Multi-Jurisdiction Valuation for a Pre-Revenue Shared Mobility Platform
Three entities, one valuation
Some engagements are straightforward. This was not one of them.
A shared mobility platform on a Transport-as-a-Service model was preparing to exercise a call option to acquire the remaining interest in its Middle Eastern subsidiary. That single decision triggered three simultaneous valuations: the Canadian parent, the 99.98%-owned subsidiary operating under local civil law tax rules, and the derivative instrument itself — the call option.
The model
Cash flows were projected to 2032 — not an arbitrary horizon, but the point at which the tax amortization benefit reaches stable rates and a terminal value can be responsibly applied. The TaaS revenue model was built around three customer segments with probabilistic site growth curves and ARPU schedules. Mid-year discounting was applied consistent with a year-end valuation date, requiring a leap-year adjustment.
The capex structure required particular attention. Management’s initial model reflected only growth capex — new assets added as the platform expanded. With a three-year useful life on the primary operating asset, sustaining capex had to be modelled separately: the cost of replacing assets as they cycled out, tracked in parallel with their associated revenues and costs so the forecast logic could be traced cleanly.
The Middle Eastern subsidiary ran under local civil law rules throughout: loss carryforwards expiring after three years with NOL utilization timing tracked explicitly, transport vehicle amortization on a straight-line basis under the applicable depreciation schedule. A separate WACC input set the country risk premium for the subsidiary independently from the parent.

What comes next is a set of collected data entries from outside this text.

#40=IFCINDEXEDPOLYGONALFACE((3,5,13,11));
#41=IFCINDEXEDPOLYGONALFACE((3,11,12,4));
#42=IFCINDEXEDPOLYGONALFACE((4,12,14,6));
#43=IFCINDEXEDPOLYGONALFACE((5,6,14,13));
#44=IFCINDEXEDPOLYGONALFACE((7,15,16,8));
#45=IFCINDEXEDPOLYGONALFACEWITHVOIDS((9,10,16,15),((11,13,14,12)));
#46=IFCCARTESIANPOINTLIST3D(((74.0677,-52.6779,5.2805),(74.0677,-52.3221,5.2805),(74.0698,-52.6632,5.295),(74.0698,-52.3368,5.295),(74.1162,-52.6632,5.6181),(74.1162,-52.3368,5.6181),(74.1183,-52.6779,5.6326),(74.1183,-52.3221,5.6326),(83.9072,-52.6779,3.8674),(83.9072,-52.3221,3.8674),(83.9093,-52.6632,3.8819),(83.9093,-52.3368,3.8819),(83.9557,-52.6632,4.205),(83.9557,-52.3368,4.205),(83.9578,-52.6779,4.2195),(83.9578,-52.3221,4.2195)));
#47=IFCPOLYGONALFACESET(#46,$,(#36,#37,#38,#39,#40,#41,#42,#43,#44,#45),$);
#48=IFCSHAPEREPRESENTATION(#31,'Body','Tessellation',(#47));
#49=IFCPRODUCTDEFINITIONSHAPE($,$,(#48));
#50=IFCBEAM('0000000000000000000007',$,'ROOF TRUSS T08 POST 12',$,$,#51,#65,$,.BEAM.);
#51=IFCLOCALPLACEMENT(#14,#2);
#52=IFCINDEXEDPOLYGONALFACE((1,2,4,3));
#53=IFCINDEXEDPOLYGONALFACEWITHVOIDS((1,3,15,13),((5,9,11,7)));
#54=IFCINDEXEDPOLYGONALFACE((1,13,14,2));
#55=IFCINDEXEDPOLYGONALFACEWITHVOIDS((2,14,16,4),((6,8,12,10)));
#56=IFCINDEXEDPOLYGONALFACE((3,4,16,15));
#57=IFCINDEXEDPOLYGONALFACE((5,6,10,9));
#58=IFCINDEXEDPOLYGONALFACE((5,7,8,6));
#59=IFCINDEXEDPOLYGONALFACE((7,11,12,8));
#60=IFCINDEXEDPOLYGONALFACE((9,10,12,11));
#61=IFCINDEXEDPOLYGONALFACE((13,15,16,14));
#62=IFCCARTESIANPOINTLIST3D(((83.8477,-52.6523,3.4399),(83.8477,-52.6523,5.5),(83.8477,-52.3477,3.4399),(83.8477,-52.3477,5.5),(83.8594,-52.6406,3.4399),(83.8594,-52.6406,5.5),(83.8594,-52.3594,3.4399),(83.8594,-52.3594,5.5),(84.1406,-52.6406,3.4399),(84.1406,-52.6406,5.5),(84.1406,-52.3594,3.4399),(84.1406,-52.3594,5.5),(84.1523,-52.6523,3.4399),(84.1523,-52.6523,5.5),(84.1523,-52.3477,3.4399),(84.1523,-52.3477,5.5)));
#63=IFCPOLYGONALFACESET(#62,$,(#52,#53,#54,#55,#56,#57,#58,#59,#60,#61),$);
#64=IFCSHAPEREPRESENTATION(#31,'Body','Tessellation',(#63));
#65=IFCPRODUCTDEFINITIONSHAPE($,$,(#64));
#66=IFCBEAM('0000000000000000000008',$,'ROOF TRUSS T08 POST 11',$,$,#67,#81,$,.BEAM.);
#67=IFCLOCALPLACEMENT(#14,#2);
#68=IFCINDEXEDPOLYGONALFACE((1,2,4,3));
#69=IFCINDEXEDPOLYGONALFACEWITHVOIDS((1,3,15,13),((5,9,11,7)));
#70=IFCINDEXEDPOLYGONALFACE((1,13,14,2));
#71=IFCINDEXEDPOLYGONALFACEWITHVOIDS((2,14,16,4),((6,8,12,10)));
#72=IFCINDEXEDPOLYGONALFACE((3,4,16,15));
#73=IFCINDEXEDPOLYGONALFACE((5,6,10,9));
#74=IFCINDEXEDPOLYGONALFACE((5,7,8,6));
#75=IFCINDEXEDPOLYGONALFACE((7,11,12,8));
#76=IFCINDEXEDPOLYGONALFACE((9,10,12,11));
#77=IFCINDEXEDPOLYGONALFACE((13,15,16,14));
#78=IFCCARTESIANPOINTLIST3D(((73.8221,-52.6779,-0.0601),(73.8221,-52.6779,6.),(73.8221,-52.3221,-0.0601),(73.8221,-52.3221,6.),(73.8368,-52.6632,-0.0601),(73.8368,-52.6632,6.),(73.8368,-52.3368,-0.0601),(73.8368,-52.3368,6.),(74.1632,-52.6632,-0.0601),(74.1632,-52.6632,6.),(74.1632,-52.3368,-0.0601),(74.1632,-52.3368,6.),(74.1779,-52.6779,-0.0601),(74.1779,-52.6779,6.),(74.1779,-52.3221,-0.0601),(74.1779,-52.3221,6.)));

The ownership split — 99.98% of the subsidiary’s cash flows, 100% of the parent’s own — was built in with a flexible input so any future change to the ratio would flow through automatically. Engagements like this rarely end with a single use of the model.
Twenty-four questions
An independent senior CBV at a major Canadian accounting firm reviewed the work and issued 24 written questions. Each was answered. Some were corrections absorbed without debate. Most were positions already taken correctly — the documentation made them defensible, not just asserted. The reviewer accepted the model on the second pass.